Contemporaneously, but independently, black liberation theology also emerged in the wake of the black power movement in the United States. This movement was sparked by the key texts of James Cone, Black Theology and Black Power (1969) and A Black Theology of Liberation (1970), which argued that, within the context of racial justice struggle, God was on the side of black peoples. Black liberation theology focused more on race than economic justice and hence did not significantly engage Marxist thought, at least at the beginning. And this work did in fact have a significant impact among black evangelicals, particularly with the founding of the National Black Evangelical Association. However, as Soong-Chan Rah notes in this volume, white evangelicals failed to substantively engage the contributions of black theology. And indeed, white evangelicals for the most part (with some exceptions) did not support the black civil rights movement. For instance, when Jerry Falwell described the events that led to the development of the Christian right, his stated reasons were the Brown v. Board decision (1954), the decision banning school prayer (1962), and Roe v. Wade (1973).
While black liberation and Latin American liberation theology initially developed independently, these thinkers began to collaborate through the development of the Ecumenical Association of Third World Theologians (EATWOT) in 1976. In turn, liberation theologies began to emerge out of Asia and Africa, as well as out of feminist and other racialized peoples in the United States. These theologies, while in dialogue with each other, were also very diverse and often in tension with each other. Some theologies focused more on racism, others on capitalism, and others on religious imperialism. There was considerable debate as to whether gender oppressions should be addressed by many liberation theologians, and in fact EATWOT did not allow womens membership until 1981. There was also debate about whether theology was an academic enterprise: some highlighted what was termed Christian base communities as the source for theological praxis (or reflection and action). Thus, in developing this volume, we concluded that, given the diversity of thought within liberation movements, it did not make sense to proffer a singular evangelical liberation theology. But rather, we offer a space for discussion and debate on what evangelical theologies of liberation and justice might be.
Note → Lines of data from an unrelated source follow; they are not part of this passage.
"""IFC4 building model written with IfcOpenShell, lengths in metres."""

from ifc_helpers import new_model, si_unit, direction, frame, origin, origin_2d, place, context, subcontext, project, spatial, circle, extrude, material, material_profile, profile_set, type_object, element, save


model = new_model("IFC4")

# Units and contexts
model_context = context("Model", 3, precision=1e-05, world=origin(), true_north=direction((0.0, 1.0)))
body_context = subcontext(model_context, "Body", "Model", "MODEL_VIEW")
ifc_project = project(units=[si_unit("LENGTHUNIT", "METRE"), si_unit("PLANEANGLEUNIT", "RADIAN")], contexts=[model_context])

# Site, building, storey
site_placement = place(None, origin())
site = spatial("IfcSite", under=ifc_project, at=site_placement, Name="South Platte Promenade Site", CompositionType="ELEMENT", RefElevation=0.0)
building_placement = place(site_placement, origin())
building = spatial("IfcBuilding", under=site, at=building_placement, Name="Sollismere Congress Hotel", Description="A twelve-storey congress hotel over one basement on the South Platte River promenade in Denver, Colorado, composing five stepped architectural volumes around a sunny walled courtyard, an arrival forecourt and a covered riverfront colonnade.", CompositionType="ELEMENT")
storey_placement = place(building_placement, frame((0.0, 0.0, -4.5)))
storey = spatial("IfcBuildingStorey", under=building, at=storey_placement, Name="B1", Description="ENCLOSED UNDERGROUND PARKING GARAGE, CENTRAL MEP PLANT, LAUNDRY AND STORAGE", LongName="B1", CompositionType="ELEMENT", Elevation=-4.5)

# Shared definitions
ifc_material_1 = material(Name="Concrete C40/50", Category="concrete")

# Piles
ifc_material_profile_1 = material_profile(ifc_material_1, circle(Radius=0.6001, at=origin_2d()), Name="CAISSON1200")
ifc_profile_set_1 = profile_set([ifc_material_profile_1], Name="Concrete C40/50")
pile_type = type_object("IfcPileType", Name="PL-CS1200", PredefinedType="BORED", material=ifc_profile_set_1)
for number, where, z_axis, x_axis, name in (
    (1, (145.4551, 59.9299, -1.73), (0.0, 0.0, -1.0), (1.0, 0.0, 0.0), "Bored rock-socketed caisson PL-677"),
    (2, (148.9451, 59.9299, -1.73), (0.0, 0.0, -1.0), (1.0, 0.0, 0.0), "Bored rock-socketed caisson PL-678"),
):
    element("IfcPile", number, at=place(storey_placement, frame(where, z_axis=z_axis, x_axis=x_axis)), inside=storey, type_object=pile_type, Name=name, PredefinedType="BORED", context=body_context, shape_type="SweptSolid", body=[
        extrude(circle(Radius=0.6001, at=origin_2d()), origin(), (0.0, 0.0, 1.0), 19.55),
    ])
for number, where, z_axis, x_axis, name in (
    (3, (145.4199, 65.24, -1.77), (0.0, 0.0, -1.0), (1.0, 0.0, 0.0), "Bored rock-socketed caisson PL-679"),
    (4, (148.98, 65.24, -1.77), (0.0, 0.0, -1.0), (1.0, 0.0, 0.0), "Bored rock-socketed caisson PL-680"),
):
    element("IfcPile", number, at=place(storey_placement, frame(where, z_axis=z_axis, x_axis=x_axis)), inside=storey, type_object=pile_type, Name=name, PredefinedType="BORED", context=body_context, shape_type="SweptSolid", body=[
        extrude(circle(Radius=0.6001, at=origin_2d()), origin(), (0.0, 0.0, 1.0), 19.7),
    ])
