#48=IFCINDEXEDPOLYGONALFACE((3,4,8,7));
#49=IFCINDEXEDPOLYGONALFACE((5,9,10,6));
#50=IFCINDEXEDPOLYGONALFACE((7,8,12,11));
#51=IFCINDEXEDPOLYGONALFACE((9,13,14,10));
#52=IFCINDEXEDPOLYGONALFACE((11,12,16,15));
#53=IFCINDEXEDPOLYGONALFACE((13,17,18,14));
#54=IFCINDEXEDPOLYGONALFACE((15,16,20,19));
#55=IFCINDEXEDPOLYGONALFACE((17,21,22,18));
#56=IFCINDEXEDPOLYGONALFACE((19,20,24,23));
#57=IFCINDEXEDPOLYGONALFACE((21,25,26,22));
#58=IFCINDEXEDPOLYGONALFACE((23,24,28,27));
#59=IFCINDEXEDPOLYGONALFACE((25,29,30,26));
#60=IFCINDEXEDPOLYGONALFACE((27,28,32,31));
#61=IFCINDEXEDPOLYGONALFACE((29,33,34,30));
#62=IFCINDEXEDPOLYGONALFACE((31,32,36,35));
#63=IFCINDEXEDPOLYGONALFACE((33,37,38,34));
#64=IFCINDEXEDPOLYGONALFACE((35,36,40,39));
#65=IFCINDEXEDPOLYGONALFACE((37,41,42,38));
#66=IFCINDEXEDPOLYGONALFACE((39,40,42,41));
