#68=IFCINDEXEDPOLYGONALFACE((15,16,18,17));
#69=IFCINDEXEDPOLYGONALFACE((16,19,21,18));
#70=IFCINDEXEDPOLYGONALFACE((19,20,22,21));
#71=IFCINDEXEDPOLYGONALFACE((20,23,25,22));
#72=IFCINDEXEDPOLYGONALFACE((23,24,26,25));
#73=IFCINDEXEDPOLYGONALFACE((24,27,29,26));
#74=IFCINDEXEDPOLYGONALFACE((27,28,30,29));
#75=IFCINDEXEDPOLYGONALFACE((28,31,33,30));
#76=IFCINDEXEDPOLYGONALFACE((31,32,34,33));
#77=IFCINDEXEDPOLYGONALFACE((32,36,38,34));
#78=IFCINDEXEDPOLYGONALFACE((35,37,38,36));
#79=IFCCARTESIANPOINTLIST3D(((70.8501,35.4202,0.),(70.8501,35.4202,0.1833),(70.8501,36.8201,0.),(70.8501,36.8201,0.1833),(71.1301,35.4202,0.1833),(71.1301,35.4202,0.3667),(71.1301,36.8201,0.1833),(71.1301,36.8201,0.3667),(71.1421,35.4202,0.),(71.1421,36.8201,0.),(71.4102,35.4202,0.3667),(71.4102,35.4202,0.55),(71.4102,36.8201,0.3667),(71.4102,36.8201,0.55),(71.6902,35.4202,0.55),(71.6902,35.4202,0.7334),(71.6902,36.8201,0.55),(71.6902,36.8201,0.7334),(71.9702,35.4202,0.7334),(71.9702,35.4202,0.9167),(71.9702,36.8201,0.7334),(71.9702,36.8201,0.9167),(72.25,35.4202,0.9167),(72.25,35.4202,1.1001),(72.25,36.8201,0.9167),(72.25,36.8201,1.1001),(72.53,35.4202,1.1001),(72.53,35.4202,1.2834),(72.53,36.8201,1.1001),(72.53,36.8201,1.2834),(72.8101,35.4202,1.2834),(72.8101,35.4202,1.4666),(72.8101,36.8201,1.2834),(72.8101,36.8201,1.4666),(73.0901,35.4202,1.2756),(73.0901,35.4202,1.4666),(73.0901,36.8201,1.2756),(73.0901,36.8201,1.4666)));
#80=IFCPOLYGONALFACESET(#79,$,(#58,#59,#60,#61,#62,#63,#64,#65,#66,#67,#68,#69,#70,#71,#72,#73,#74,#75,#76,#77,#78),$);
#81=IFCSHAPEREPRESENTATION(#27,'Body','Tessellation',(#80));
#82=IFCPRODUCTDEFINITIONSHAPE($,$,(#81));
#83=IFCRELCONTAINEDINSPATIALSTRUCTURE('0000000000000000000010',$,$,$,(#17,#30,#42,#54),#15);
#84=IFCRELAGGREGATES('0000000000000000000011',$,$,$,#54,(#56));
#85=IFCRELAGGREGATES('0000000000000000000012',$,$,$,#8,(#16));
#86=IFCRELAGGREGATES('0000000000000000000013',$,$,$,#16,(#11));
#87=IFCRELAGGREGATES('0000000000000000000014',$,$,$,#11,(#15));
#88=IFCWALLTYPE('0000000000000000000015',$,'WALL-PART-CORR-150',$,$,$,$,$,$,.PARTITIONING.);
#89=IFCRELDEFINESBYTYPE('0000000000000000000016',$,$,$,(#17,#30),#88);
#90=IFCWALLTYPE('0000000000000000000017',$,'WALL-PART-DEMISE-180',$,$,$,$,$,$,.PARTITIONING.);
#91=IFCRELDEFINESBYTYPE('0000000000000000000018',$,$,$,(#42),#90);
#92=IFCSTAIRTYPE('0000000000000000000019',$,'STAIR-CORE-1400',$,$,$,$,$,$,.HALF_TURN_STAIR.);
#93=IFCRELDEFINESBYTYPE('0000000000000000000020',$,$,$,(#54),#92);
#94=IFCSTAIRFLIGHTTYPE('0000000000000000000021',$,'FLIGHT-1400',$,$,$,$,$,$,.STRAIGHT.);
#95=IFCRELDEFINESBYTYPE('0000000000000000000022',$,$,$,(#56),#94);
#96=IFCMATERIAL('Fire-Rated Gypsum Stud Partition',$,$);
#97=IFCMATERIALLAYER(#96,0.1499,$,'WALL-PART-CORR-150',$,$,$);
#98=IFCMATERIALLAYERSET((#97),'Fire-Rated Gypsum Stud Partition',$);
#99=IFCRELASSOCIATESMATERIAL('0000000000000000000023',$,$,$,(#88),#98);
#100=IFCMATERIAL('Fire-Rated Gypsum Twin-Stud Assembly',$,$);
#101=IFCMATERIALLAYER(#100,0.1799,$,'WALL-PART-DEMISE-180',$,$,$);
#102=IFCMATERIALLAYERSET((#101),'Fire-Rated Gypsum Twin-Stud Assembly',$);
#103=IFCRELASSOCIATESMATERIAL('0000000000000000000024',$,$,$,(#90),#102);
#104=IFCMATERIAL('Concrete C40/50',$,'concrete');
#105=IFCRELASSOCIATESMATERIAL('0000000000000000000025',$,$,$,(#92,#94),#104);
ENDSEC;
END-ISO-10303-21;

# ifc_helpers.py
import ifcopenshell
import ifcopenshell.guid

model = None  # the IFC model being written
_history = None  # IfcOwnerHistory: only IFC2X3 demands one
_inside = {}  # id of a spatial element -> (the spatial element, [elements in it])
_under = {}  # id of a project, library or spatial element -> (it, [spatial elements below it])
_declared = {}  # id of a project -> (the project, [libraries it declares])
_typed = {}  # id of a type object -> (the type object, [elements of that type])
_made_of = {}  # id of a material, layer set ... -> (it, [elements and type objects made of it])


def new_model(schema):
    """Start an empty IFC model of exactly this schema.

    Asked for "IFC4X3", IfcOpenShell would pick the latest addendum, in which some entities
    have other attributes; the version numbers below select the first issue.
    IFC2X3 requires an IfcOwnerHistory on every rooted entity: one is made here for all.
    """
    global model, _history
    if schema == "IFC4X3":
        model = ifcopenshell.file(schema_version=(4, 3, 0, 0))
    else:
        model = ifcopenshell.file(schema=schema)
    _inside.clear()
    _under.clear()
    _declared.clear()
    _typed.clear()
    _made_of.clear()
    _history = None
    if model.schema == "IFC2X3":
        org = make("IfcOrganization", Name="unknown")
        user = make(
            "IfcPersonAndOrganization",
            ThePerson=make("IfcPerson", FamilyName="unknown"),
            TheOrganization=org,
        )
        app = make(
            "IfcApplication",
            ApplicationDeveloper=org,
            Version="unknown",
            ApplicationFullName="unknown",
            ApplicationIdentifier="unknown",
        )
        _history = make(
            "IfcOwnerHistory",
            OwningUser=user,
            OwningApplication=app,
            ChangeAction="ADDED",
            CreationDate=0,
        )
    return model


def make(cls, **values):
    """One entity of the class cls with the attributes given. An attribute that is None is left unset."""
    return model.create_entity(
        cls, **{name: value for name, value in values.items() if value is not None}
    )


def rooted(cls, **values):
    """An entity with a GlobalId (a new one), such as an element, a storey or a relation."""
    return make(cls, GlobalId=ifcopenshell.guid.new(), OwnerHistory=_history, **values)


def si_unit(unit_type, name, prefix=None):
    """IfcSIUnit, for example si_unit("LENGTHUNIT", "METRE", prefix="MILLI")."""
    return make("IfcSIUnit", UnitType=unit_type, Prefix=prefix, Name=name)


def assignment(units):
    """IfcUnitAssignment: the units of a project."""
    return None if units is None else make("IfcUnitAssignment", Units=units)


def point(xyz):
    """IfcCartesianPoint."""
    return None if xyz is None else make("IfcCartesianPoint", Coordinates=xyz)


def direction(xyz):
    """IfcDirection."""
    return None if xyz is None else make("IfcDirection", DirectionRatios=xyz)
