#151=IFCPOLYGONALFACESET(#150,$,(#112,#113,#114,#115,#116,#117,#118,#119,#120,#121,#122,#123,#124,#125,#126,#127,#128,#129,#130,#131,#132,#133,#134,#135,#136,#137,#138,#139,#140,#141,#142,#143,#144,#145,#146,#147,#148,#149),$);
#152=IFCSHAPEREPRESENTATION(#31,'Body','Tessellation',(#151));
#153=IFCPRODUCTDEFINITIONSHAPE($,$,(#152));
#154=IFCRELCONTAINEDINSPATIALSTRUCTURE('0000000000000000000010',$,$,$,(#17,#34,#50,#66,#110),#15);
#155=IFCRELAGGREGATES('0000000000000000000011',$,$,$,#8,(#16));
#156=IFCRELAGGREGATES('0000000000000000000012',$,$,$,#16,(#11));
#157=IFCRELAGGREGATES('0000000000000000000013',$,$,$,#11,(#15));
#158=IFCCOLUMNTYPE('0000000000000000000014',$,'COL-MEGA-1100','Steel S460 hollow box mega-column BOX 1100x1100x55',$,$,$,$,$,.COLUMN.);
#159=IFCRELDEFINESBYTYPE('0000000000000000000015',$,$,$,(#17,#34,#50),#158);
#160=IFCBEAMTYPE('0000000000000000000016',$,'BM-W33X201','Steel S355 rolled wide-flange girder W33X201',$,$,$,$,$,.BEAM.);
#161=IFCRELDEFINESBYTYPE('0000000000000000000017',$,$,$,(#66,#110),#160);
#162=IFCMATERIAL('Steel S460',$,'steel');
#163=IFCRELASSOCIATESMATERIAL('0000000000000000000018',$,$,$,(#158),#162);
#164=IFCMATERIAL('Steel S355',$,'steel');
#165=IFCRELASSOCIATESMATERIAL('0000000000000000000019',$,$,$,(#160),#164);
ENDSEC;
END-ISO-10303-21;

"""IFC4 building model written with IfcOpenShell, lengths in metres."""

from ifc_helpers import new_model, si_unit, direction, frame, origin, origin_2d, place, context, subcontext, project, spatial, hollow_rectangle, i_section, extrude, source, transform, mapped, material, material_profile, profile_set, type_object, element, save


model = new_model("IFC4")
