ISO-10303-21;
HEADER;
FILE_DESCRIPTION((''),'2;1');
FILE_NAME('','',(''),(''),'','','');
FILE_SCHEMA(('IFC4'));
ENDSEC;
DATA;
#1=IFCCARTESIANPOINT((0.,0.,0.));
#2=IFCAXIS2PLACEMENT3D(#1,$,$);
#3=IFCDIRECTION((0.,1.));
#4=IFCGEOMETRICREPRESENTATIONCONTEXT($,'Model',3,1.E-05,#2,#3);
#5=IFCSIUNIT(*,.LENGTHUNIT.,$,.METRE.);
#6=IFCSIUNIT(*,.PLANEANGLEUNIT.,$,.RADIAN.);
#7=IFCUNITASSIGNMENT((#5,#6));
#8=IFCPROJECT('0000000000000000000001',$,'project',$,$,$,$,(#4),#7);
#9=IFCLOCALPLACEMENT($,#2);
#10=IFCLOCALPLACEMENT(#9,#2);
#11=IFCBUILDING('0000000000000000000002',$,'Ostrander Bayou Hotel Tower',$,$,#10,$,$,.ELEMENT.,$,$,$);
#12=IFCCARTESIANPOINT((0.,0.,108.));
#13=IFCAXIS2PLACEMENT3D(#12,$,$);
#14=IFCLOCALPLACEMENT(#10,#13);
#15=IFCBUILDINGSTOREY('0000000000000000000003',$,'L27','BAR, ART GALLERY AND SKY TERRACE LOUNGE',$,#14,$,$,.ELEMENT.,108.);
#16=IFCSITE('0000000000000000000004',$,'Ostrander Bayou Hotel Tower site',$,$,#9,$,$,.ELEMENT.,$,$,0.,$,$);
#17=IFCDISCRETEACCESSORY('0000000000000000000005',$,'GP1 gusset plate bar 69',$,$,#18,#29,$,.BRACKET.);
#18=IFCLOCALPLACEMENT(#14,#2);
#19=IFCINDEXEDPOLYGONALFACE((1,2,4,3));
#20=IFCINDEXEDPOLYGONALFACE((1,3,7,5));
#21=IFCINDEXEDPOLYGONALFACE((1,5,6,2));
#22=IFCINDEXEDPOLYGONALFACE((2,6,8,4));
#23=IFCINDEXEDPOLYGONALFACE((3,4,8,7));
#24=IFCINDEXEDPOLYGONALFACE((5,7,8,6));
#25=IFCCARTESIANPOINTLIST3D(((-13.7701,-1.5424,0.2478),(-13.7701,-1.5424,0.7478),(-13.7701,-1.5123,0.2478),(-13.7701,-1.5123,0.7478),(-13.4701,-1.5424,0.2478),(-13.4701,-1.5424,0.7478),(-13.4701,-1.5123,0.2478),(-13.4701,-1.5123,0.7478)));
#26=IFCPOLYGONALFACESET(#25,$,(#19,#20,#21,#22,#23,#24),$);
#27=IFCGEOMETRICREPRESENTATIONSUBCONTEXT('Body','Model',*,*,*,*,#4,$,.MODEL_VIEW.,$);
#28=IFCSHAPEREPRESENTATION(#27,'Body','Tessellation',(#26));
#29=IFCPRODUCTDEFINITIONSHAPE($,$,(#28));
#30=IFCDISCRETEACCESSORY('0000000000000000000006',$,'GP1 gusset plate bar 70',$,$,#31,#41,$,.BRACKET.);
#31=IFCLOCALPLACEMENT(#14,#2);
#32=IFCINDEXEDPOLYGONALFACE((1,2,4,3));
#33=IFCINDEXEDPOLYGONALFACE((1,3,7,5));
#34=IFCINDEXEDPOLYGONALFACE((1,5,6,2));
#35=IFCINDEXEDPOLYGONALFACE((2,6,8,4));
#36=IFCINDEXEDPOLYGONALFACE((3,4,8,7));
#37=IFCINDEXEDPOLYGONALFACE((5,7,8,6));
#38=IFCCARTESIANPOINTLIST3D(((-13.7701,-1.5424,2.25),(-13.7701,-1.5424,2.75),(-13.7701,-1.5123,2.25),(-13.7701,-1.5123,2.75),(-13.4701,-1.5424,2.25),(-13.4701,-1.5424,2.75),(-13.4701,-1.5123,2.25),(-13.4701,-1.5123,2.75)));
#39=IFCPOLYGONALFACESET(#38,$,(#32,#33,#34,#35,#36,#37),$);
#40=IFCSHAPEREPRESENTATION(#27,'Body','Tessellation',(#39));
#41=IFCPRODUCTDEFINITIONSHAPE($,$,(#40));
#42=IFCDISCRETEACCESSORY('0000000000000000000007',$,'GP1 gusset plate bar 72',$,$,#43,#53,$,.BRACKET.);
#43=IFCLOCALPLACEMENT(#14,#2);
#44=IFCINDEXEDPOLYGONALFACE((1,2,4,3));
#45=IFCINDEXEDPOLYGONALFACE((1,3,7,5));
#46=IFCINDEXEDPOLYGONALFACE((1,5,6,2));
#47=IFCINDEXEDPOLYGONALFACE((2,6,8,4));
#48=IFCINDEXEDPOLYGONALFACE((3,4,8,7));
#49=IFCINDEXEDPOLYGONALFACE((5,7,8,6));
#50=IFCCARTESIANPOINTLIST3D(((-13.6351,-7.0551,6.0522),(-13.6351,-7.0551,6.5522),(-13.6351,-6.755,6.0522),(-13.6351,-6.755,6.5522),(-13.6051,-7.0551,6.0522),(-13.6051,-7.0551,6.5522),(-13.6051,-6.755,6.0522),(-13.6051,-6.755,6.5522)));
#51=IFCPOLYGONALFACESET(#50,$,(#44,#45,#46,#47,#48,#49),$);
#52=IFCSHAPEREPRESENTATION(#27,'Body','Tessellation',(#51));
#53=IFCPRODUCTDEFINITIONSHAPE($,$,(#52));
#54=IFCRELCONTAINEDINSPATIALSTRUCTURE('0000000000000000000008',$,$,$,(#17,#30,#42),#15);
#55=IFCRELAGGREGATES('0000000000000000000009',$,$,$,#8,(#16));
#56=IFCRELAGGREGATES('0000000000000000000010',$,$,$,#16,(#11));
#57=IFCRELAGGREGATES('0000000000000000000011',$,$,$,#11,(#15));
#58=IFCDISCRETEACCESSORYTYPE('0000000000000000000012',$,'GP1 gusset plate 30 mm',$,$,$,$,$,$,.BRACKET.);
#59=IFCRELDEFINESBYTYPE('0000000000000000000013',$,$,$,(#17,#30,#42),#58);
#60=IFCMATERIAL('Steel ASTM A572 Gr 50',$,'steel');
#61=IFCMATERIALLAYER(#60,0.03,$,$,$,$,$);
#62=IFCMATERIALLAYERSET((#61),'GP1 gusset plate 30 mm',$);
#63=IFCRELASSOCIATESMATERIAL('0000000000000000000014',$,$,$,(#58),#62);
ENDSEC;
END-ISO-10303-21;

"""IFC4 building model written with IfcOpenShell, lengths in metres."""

from ifc_helpers import new_model, si_unit, direction, frame, origin, origin_2d, place, context, subcontext, project, spatial, rectangle, extrude, material, layer, layer_set, type_object, element, save


model = new_model("IFC4")

# Units and contexts
model_context = context("Model", 3, precision=1e-05, world=origin(), true_north=direction((0.0, 1.0)))
body_context = subcontext(model_context, "Body", "Model", "MODEL_VIEW")
ifc_project = project(units=[si_unit("LENGTHUNIT", "METRE"), si_unit("PLANEANGLEUNIT", "RADIAN")], contexts=[model_context])

# Site, building, storey
site_placement = place(None, origin())
site = spatial("IfcSite", under=ifc_project, at=site_placement, Name="Ostrander Bayou Hotel Tower site", CompositionType="ELEMENT", RefElevation=0.0)
building_placement = place(site_placement, origin())
building = spatial("IfcBuilding", under=site, at=building_placement, Name="Ostrander Bayou Hotel Tower", CompositionType="ELEMENT")
storey_placement = place(building_placement, frame((0.0, 0.0, 108.0)))
storey = spatial("IfcBuildingStorey", under=building, at=storey_placement, Name="L27", Description="BAR, ART GALLERY AND SKY TERRACE LOUNGE", CompositionType="ELEMENT", Elevation=108.0)

# Discrete accessories
ifc_material_1 = material(Name="Steel ASTM A572 Gr 50", Category="steel")
ifc_layer_1 = layer(ifc_material_1, 0.03)
ifc_layer_set_1 = layer_set([ifc_layer_1], Name="GP1 gusset plate 30 mm")
discrete_accessory_type = type_object("IfcDiscreteAccessoryType", Name="GP1 gusset plate 30 mm", PredefinedType="BRACKET", material=ifc_layer_set_1)
for number, where, z_axis, x_axis, name in (
    (1, (-13.6201, -1.5273, 0.2478), (0.0, 0.0, 1.0), (1.0, 0.0, 0.0), "GP1 gusset plate bar 69"),
    (2, (-13.6201, -1.5273, 2.25), (0.0, 0.0, 1.0), (1.0, 0.0, 0.0), "GP1 gusset plate bar 70"),
    (3, (-13.6201, -6.905, 6.0522), (0.0, 0.0, 1.0), (0.0, 1.0, 0.0), "GP1 gusset plate bar 72"),
):
    element("IfcDiscreteAccessory", number, at=place(storey_placement, frame(where, z_axis=z_axis, x_axis=x_axis)), inside=storey, type_object=discrete_accessory_type, Name=name, PredefinedType="BRACKET", context=body_context, shape_type="SweptSolid", body=[
        extrude(rectangle(XDim=0.3, YDim=0.03, at=origin_2d()), origin(), (0.0, 0.0, 1.0), 0.5),
    ])

save(model, "model.ifc")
Evangelical Theologies of Liberation and Justice contests the assumption that the pursuit of emancipation from injustice and oppression is antithetical to the core tenets of evangelicalism. Rather, this book wrestles with the question of how evangelical traditions and perspectives intersect and have the potential to be deeply informed by liberation theological traditions. First, as we have noted, evangelicals, while often erased in the genealogies of liberation theologies, have always been part of their development. But second, rather than understanding evangelical faith as necessarily at odds with liberation theology, we hold that evangelical tenets of faith are actually helpful in the development of justice-rooted liberation praxis.
This book brings together Christian authors and speakers from diverse perspectives who present their understanding of evangelical perspectives of liberation. All of the contributors either self-identify as evangelical or have close ties with the evangelical community. With biblical mandates to end oppression (such as Is 58:6-9), one would assume biblically centered evangelicals would have well-developed theologies of liberation. And yet, evangelicals have generally dismissed liberation theology completely, despite the diversities of liberation theologies that currently exist.